How to train Codex on a complex SQL legacy database model

My goal is to create an interface whereby a non technical user can input a normal language question and receive the matching SQL query for a specific legacy database. The challenge is that the database is not created with a consistent model.
F.e. The table humres (Human resources) , columns (res_id, fullname) is joined with a persons access roles, table hrroles columns (empid,roleid).

If I input the following into the sandbox, I get a valid query.


# table = humres, columns = [res_id, fullname]
# table = hrroles, columns = [empid, roleid]
The table humres stores employee information, The table hrroles stores the access roles and is linked through empid

### a query displaying the fullname  for employees with role 14

However the database has approximately 250 tables with 50 columns per table.

What would be the approach be to get all tables and linking information into an API, to accommodate a wide array of user questions?

First of all, at the moment, it is not possible to train or fine-tune Codex.

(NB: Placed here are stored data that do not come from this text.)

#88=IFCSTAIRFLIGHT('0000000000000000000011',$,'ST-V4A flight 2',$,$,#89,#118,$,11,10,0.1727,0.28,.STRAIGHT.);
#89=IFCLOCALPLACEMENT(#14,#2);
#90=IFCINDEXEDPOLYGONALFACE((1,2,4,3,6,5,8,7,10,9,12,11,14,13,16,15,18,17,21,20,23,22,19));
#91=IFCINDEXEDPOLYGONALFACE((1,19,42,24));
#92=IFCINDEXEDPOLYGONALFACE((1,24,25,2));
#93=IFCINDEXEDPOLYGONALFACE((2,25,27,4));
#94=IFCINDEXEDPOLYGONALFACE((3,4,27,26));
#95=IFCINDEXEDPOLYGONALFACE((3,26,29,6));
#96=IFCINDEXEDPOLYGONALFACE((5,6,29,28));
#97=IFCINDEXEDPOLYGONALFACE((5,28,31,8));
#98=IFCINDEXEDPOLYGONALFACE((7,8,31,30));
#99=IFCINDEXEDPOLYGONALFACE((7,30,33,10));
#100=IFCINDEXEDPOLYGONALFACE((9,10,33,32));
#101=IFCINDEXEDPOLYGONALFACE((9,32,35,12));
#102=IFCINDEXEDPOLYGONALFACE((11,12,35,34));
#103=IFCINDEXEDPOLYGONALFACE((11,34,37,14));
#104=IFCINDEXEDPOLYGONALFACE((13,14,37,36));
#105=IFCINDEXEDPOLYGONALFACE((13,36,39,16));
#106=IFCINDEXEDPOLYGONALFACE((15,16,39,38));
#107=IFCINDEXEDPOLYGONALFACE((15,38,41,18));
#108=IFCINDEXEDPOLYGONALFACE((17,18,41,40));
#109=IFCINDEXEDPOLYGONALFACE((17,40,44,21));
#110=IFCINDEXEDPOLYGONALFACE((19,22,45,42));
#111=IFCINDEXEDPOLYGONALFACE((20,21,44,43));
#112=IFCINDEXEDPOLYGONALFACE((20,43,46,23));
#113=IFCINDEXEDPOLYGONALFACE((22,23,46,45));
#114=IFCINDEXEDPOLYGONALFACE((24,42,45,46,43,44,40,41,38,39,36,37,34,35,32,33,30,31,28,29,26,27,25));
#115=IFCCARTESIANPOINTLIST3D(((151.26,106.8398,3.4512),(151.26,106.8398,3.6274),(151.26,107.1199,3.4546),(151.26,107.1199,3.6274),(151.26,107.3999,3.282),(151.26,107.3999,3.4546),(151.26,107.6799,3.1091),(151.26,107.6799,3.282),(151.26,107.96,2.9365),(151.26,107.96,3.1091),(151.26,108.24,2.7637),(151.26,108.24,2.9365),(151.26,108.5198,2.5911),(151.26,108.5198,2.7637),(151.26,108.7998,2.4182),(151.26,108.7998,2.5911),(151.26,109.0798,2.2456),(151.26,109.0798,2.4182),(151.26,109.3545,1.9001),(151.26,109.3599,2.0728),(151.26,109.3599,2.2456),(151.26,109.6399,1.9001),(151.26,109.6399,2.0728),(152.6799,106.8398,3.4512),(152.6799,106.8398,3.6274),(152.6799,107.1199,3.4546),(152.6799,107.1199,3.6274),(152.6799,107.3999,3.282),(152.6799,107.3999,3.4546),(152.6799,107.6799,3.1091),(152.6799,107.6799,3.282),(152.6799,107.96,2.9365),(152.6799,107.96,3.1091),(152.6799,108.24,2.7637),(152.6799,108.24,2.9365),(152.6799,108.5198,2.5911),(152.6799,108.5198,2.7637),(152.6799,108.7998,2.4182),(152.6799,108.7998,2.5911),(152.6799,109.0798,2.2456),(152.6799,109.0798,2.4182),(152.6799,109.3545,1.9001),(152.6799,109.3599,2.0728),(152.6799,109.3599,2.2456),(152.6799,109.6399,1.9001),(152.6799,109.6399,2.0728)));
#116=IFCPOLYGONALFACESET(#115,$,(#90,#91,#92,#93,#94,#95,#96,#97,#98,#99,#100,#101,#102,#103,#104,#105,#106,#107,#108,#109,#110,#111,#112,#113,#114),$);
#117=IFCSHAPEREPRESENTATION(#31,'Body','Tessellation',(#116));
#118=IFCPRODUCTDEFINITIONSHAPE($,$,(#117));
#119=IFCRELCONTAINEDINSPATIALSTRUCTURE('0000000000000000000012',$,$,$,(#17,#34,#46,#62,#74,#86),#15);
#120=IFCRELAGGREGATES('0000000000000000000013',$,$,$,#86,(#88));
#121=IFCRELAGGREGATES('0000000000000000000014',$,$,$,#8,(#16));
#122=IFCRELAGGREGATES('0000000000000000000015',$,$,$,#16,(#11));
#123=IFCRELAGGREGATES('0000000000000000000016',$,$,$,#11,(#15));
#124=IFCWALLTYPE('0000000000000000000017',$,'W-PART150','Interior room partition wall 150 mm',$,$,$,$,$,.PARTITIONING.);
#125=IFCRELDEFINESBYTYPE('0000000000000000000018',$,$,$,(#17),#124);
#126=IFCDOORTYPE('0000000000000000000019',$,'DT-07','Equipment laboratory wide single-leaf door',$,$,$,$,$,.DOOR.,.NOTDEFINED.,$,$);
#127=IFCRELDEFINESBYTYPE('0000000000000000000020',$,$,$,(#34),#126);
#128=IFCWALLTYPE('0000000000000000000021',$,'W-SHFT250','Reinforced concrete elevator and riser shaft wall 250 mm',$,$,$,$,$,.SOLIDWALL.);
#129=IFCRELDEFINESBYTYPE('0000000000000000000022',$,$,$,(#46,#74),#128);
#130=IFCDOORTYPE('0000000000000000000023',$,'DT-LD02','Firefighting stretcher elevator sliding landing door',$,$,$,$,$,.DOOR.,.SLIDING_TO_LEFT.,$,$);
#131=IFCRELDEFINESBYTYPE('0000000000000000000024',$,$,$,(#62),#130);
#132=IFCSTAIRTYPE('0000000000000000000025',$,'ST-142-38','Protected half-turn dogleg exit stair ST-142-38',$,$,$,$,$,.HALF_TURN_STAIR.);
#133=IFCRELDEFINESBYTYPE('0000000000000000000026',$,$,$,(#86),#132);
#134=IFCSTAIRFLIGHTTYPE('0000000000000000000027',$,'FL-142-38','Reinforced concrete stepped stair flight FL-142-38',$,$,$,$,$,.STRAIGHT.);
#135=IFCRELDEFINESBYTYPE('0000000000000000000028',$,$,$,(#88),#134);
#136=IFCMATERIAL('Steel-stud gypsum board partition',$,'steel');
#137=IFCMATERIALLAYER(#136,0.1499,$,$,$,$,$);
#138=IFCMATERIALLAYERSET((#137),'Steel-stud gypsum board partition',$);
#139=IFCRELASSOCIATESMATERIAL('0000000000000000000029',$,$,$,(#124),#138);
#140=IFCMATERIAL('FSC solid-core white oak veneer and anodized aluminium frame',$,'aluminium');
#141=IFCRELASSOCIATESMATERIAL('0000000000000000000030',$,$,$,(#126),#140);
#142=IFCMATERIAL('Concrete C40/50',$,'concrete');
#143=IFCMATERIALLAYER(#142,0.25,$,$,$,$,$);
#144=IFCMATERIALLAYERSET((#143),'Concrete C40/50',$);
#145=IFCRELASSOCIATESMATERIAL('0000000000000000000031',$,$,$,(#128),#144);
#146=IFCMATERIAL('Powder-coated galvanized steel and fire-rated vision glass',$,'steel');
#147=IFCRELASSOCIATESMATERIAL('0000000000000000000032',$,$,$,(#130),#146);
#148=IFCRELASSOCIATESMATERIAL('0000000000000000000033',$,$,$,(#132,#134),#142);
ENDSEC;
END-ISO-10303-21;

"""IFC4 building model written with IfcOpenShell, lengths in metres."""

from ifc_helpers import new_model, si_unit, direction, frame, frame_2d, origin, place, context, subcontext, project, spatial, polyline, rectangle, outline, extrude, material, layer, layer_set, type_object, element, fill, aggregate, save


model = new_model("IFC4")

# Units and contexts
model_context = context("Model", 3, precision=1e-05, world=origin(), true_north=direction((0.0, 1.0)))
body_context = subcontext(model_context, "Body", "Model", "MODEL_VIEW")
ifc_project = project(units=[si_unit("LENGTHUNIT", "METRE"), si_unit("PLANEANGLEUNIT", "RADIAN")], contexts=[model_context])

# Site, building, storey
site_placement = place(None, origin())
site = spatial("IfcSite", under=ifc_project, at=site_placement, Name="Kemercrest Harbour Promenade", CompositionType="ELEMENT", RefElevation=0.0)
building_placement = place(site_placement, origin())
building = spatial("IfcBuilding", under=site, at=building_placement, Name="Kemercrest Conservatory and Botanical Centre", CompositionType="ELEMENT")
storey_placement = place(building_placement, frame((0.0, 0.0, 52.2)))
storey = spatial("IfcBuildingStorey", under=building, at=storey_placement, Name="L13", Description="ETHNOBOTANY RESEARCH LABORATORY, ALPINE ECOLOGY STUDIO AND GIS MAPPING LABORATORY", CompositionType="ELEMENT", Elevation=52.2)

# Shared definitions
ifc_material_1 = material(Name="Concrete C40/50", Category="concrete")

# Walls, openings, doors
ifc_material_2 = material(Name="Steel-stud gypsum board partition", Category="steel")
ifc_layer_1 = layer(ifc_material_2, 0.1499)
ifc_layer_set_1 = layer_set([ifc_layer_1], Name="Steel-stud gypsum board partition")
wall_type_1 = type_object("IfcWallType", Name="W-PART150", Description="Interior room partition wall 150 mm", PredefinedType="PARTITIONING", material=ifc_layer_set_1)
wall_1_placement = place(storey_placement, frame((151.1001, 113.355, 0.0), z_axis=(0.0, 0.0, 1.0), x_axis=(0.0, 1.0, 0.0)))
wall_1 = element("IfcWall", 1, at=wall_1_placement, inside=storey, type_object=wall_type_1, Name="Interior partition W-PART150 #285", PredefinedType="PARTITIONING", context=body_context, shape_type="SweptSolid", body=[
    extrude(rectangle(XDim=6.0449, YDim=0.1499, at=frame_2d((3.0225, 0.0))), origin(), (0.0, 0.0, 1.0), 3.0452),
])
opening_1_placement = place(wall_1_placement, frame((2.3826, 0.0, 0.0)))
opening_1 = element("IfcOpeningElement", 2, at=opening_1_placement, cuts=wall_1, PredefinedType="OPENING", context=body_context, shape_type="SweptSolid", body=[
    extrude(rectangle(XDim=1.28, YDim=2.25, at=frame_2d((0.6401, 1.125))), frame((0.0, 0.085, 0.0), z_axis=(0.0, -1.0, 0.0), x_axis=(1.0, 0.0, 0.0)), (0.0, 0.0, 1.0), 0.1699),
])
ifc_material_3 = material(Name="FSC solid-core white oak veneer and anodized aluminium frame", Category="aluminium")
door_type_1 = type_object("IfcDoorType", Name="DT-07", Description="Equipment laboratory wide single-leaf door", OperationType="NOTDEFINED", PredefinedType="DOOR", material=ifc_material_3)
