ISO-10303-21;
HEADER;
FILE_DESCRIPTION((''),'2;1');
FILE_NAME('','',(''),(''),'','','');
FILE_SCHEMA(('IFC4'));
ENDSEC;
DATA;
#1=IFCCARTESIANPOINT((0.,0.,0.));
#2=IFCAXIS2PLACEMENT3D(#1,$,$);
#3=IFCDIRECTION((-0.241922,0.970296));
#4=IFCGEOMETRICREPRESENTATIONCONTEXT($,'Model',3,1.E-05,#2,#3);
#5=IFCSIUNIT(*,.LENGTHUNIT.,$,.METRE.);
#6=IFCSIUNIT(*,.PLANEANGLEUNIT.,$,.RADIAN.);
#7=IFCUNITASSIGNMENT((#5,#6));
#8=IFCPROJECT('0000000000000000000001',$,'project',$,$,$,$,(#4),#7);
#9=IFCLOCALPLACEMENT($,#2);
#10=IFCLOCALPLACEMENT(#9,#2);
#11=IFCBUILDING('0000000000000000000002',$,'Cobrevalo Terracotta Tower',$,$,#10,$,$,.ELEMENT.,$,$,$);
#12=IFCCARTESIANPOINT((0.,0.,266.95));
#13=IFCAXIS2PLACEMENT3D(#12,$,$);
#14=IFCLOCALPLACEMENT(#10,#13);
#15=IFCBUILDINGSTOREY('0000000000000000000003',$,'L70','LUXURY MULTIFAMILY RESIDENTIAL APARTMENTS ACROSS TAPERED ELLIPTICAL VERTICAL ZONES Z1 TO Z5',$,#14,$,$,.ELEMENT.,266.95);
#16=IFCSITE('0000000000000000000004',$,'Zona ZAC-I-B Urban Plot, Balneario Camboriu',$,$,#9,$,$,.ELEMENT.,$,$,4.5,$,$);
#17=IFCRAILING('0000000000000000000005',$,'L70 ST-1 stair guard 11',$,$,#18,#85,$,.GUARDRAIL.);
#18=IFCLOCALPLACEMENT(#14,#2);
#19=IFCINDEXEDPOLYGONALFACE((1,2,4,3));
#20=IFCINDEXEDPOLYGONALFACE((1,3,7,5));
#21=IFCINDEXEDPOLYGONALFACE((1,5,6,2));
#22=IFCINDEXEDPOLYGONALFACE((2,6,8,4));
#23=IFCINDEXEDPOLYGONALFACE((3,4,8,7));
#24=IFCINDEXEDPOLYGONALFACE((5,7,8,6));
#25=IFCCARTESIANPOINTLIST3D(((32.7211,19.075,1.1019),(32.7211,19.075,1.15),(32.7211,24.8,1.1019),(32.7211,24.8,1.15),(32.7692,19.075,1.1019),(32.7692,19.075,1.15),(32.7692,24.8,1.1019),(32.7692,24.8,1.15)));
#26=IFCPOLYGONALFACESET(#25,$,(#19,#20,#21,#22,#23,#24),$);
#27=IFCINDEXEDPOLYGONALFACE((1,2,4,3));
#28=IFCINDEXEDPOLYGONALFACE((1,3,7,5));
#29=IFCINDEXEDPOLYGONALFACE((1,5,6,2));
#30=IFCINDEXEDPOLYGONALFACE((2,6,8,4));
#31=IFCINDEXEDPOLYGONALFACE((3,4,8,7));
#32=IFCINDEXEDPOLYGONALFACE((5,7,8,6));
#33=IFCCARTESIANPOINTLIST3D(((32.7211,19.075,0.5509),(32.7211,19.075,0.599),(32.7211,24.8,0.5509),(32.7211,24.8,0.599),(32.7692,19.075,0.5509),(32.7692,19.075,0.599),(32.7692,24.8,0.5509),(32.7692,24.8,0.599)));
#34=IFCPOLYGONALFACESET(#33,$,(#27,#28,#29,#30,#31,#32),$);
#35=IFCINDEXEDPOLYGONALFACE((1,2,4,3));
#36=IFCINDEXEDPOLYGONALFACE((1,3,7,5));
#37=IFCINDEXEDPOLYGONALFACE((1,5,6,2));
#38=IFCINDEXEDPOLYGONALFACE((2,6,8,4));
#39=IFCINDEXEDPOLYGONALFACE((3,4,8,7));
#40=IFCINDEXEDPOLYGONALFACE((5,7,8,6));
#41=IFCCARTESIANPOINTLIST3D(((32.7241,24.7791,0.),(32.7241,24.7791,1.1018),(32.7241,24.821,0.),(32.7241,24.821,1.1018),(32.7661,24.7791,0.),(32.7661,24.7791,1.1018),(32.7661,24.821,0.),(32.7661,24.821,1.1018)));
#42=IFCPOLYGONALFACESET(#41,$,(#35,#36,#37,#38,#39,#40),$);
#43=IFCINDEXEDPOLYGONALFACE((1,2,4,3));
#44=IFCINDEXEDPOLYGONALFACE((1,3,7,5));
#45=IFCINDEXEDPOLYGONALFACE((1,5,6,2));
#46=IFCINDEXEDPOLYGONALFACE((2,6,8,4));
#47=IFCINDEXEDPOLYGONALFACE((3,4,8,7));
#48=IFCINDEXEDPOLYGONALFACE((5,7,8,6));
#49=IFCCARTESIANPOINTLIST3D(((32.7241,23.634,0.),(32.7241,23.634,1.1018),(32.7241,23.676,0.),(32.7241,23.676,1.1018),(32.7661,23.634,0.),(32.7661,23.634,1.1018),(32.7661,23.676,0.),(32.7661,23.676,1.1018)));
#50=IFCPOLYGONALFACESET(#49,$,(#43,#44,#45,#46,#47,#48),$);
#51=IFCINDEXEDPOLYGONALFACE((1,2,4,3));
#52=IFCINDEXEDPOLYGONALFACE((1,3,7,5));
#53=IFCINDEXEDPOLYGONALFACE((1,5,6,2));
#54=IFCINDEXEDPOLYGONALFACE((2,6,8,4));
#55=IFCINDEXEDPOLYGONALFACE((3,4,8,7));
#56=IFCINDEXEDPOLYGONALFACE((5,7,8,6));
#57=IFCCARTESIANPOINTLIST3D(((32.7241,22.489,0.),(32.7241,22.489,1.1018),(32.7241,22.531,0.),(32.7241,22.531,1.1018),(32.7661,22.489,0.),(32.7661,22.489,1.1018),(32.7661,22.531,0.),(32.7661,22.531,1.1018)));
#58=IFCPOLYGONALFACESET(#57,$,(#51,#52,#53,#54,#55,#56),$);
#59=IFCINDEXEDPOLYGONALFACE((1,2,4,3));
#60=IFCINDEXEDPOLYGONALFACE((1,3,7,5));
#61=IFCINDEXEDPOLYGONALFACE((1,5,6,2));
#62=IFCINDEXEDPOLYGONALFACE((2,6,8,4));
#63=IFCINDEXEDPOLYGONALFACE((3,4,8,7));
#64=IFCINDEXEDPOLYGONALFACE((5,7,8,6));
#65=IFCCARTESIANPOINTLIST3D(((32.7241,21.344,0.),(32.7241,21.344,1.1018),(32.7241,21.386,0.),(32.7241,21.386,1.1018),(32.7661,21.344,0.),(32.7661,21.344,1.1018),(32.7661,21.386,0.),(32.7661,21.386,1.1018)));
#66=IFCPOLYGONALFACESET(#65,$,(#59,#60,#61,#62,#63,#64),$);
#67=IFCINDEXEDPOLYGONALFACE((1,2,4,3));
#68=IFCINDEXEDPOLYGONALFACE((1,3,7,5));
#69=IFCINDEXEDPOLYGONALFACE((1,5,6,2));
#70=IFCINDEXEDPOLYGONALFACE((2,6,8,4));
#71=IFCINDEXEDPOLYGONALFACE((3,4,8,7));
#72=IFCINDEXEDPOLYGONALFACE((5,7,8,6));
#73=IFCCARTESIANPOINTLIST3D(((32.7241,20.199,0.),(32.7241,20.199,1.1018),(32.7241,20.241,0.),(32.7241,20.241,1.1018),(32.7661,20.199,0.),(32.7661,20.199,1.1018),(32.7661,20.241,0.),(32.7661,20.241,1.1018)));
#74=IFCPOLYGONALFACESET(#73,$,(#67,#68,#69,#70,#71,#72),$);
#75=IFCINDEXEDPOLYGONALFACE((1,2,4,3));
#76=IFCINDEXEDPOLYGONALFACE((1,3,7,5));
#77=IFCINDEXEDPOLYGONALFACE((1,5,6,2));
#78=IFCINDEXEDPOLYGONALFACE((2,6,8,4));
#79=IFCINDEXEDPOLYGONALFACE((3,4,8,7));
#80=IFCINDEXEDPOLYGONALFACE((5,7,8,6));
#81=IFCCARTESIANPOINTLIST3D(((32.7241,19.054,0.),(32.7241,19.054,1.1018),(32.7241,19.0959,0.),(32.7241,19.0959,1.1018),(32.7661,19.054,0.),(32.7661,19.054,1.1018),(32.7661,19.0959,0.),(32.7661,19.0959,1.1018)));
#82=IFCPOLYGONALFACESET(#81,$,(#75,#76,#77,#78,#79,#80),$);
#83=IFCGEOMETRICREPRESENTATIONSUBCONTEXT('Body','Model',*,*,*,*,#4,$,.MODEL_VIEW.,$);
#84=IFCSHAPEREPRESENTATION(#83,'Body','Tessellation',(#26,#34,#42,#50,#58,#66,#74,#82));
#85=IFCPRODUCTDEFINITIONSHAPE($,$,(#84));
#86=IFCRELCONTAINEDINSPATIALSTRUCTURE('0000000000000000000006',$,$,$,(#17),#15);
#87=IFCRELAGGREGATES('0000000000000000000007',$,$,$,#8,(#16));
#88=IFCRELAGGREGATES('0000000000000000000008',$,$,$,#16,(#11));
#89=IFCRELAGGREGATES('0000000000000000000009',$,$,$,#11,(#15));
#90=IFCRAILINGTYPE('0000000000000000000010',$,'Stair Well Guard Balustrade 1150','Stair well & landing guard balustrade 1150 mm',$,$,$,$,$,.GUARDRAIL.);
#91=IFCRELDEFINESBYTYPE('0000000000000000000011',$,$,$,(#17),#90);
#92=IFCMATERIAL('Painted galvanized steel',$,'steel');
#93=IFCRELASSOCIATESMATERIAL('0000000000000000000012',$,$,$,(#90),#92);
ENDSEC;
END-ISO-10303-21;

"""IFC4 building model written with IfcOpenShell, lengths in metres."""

from ifc_helpers import new_model, si_unit, direction, frame, origin, origin_2d, place, context, subcontext, project, spatial, rectangle, extrude, material, type_object, element, save


model = new_model("IFC4")

# Units and contexts
model_context = context("Model", 3, precision=1e-05, world=origin(), true_north=direction((-0.241922, 0.970296)))
body_context = subcontext(model_context, "Body", "Model", "MODEL_VIEW")
ifc_project = project(units=[si_unit("LENGTHUNIT", "METRE"), si_unit("PLANEANGLEUNIT", "RADIAN")], contexts=[model_context])

# Site, building, storey
site_placement = place(None, origin())
site = spatial("IfcSite", under=ifc_project, at=site_placement, Name="Zona ZAC-I-B Urban Plot, Balneario Camboriu", CompositionType="ELEMENT", RefElevation=4.5)
building_placement = place(site_placement, origin())
building = spatial("IfcBuilding", under=site, at=building_placement, Name="Cobrevalo Terracotta Tower", CompositionType="ELEMENT")
storey_placement = place(building_placement, frame((0.0, 0.0, 266.95)))
storey = spatial("IfcBuildingStorey", under=building, at=storey_placement, Name="L70", Description="LUXURY MULTIFAMILY RESIDENTIAL APARTMENTS ACROSS TAPERED ELLIPTICAL VERTICAL ZONES Z1 TO Z5", CompositionType="ELEMENT", Elevation=266.95)

# Railing
ifc_material_1 = material(Name="Painted galvanized steel", Category="steel")
railing_type_1 = type_object("IfcRailingType", Name="Stair Well Guard Balustrade 1150", Description="Stair well & landing guard balustrade 1150 mm", PredefinedType="GUARDRAIL", material=ifc_material_1)
for number, where, name in (
    (1, (32.7451, 24.8, 0.0), "L70 ST-1 stair guard 11"),
):
    element("IfcRailing", number, at=place(storey_placement, frame(where)), inside=storey, type_object=railing_type_1, Name=name, PredefinedType="GUARDRAIL", context=body_context, shape_type="SweptSolid", body=[
        extrude(rectangle(XDim=0.0481, YDim=0.0481, at=origin_2d()), frame((0.0, 0.0, 1.126), z_axis=(0.0, -1.0, 0.0), x_axis=(1.0, 0.0, 0.0)), (0.0, 0.0, 1.0), 5.7251),
        extrude(rectangle(XDim=0.0481, YDim=0.0481, at=origin_2d()), frame((0.0, 0.0, 0.575), z_axis=(0.0, -1.0, 0.0), x_axis=(1.0, 0.0, 0.0)), (0.0, 0.0, 1.0), 5.7251),
        extrude(rectangle(XDim=0.042, YDim=0.042, at=origin_2d()), origin(), (0.0, 0.0, 1.0), 1.1018),
        extrude(rectangle(XDim=0.042, YDim=0.042, at=origin_2d()), frame((0.0, -1.145, 0.0)), (0.0, 0.0, 1.0), 1.1018),
        extrude(rectangle(XDim=0.042, YDim=0.042, at=origin_2d()), frame((0.0, -2.29, 0.0)), (0.0, 0.0, 1.0), 1.1018),
        extrude(rectangle(XDim=0.042, YDim=0.042, at=origin_2d()), frame((0.0, -3.4351, 0.0)), (0.0, 0.0, 1.0), 1.1018),
        extrude(rectangle(XDim=0.042, YDim=0.042, at=origin_2d()), frame((0.0, -4.5801, 0.0)), (0.0, 0.0, 1.0), 1.1018),
        extrude(rectangle(XDim=0.042, YDim=0.042, at=origin_2d()), frame((0.0, -5.7251, 0.0)), (0.0, 0.0, 1.0), 1.1018),
    ])

save(model, "model.ifc")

However, it may be possible to find a workaround by using multiple calls with a combination of the Davinci and Codex models.

One approach to tackling this type of challenge could be to categorize the 250 tables into smaller groups based on their purpose, functionality, data, or other criteria. Then, you could use multiple steps to narrow down the required tables by giving users options to select or by using API calls to extract their intention. This could also help you save money by using fewer tokens in the requests.

Keep in mind that the Davinci model is a very powerful language model and is capable of understanding users’ requests and generating SQL statements.

Lastly, it is important to take precautions against so-called “prompt injection attacks”. You may find this blog ( helpful for a quick understanding of how to protect against these types of attacks.

1 Like

Ni Nick, can you elaborate on “giving users options to select or by using API calls to extract their intention.”?


Hey @ceesmeuleman did you figure out a solution to this? I’m in the same boat looking to load a lot of tables but obvious it’s a lot. Curious to see if you figured something out

I’m still looking into fine tuning a model on example questions and see how far we can train the model in this aspect. However providing enough valid training data (ak. Questions & correct queries) takes a lot of work.